= Psilophytopsida =

Order of an extinct plant group

Psilophytopsida is a now obsolete class containing one order, Psilophytales, which was previously used to classify a number of extinct plants which are now placed elsewhere. The class was established in 1917, under the name Psilophyta, with only three genera (Rhynia, Horneophyton and Psilophyton) for a group of fossil plants from the Upper Silurian and Devonian periods which lack true roots and leaves, but have a vascular system within a branching cylindrical stem. The living Psilotaceae, the whisk-ferns, were sometimes added to the class, which was then usually called Psilopsida. This classification is no longer in use.

The class should not be confused with the current use of the name Psilotopsida, which refers to a class of living ferns, containing only Psilotaceae (whisk-ferns) and Ophioglossaceae (moon-worts and adder's-tongue ferns).

==Description==

The class was created in 1917 by Kidston and Lang for fossils found in the Rhynie Chert Bed. Three genera were initially included, Rhynia, Horneophyton and Psilophyton. All lacked leaves and true roots, consisting only of branched stems; however they were considered to contain vascular tissue.

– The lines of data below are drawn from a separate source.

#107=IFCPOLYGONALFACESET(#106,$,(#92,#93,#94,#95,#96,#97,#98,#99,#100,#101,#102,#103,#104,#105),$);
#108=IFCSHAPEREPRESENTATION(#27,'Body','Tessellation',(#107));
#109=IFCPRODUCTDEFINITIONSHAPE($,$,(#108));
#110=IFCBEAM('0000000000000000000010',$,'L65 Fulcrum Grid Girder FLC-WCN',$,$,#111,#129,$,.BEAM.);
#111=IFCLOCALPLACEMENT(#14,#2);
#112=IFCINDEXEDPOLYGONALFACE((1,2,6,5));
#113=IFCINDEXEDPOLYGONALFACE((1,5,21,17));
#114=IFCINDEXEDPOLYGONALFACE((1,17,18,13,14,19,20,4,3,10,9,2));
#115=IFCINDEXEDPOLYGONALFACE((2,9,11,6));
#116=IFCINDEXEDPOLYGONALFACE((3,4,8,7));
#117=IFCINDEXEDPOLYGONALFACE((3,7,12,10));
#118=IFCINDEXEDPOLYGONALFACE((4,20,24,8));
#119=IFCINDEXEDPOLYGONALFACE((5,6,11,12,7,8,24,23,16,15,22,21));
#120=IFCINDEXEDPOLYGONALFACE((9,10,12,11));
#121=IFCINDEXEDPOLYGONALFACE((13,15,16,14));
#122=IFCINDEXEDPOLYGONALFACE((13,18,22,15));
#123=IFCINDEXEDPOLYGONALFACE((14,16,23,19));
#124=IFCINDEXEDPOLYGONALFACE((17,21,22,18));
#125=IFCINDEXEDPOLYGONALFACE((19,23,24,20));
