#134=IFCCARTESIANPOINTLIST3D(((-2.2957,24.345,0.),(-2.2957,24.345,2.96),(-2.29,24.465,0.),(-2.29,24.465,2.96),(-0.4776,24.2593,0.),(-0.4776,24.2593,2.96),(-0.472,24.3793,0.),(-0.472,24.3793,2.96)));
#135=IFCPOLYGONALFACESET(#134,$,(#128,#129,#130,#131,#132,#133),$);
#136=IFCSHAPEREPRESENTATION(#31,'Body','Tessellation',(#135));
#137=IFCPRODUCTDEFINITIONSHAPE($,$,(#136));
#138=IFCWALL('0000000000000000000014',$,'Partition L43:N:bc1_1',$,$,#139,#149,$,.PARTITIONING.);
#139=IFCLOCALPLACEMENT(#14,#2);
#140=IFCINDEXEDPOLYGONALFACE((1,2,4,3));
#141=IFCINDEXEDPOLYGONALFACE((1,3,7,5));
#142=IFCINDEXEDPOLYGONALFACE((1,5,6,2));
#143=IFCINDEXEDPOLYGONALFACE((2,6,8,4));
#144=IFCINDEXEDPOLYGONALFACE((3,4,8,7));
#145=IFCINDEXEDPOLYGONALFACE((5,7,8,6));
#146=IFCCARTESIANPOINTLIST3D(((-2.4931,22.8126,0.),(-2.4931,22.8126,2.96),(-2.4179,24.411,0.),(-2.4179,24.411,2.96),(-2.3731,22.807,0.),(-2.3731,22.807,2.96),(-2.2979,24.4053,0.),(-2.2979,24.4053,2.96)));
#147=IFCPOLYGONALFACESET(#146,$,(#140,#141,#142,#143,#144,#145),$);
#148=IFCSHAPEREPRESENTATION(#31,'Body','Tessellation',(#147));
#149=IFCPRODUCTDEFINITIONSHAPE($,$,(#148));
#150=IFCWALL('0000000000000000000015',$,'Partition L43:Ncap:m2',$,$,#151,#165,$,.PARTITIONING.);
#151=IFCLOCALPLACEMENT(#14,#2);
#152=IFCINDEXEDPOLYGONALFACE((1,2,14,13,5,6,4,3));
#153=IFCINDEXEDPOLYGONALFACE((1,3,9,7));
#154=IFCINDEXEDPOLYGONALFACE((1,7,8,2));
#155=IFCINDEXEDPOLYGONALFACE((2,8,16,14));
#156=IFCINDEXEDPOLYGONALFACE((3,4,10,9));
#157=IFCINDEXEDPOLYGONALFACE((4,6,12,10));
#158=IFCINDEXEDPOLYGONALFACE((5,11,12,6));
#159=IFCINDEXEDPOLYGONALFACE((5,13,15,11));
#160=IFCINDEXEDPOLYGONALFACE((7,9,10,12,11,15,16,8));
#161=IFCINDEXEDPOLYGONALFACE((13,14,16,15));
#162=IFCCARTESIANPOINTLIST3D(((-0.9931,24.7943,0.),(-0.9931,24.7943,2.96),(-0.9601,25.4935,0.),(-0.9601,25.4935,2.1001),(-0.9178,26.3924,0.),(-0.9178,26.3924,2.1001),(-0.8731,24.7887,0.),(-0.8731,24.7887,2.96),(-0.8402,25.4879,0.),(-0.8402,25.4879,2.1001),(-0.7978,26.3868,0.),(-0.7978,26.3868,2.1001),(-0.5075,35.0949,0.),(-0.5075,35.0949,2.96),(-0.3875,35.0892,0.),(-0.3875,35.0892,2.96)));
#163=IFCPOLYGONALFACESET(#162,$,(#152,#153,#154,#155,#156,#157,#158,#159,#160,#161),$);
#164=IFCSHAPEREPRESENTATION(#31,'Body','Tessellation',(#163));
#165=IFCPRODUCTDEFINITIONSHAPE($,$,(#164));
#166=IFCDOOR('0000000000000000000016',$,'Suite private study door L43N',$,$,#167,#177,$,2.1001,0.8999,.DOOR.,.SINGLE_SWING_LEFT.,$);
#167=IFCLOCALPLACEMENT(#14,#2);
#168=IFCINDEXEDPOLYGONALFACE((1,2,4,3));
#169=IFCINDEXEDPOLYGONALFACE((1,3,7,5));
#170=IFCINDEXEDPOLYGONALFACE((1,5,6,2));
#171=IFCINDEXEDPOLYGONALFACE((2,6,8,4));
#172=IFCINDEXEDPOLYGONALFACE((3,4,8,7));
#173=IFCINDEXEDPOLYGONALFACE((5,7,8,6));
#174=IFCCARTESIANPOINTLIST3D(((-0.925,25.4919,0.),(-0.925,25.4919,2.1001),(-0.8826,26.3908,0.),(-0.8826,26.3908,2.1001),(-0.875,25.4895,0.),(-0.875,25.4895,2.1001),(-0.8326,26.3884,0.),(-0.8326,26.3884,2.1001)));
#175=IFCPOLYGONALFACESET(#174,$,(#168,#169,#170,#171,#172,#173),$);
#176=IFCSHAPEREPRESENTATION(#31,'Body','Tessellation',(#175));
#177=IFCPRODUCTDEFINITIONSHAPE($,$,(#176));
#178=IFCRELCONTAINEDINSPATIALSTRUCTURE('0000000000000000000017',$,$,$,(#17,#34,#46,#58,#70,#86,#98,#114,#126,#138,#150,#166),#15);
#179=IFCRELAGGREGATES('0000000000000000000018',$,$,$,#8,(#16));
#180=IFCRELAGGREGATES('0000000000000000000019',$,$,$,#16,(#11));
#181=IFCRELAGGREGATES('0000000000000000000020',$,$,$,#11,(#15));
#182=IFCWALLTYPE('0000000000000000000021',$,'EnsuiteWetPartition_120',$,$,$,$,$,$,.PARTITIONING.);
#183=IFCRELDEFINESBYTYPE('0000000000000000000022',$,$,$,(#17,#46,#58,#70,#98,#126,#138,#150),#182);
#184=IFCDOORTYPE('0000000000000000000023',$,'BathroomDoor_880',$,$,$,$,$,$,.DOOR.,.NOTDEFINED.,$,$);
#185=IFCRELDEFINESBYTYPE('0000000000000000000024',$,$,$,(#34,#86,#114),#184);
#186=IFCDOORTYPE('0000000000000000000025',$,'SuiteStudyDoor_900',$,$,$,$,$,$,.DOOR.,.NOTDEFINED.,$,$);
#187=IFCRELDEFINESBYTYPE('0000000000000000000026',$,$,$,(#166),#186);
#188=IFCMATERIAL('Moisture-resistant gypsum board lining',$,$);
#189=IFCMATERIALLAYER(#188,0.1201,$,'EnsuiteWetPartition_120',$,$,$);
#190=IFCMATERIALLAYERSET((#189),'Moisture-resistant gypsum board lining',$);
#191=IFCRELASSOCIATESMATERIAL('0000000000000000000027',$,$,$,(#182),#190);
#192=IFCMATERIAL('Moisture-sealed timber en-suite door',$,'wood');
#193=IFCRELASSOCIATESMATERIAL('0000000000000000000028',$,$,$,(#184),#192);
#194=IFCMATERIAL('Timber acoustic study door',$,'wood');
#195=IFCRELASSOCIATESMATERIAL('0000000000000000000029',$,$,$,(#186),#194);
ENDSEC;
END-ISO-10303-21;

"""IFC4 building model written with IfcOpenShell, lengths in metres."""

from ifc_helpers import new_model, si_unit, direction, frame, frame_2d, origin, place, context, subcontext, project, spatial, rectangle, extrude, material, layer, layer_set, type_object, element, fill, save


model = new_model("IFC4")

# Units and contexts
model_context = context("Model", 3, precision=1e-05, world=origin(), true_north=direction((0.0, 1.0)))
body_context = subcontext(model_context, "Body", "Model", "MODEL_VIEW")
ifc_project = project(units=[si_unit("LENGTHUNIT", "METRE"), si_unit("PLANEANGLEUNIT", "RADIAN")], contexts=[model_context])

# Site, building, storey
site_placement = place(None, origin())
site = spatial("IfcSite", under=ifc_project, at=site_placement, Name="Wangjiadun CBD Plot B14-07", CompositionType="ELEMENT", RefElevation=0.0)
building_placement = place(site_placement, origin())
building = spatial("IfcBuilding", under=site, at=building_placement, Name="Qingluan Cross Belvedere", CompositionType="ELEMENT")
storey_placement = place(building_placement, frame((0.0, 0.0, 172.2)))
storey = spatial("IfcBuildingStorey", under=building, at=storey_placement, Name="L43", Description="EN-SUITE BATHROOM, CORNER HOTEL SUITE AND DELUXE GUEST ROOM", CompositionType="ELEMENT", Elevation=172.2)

Additional fossil genera were added later. As described by Sporne in 1966, Psilophytopsida consisted of four families:

- Rhyniaceae
  - Rhynia – now placed in the class Rhyniopsida
  - Horneophyton – now placed in the class Horneophytopsida
  - Cooksonia – now considered to be paraphyletic basal trachaeophytes
  - Yarravia – uncertain position
- Zosterophyllaceae – now placed in the class Zosterophyllopsida
  - Zosterophyllum
- Psilophytaceae
  - Psilophyton – now considered to be a basal euphyllophyte
- Asteroxylaceae – now placed in the order Drepanophycales
  - Asteroxylon

By 1975, it had become clear that the class had become increasingly unnatural, containing unrelated early vascular plants. It was split up by Banks into three subdivisions: Rhyniophytina, Zosterophyllophytina, and Trimerophytina. Later cladistic analyses of early land plants suggested that at least the rhyniophytes and the trimerophytes were not monophyletic. Separating out 'basal groups', such as the earliest land plants, is intrinsically difficult, since at this stage they contain many shared characters (plesiomorphies) which are not sufficient to distinguish them.

The current classification of former members of the class is largely due to Kenrick and Crane in 1997.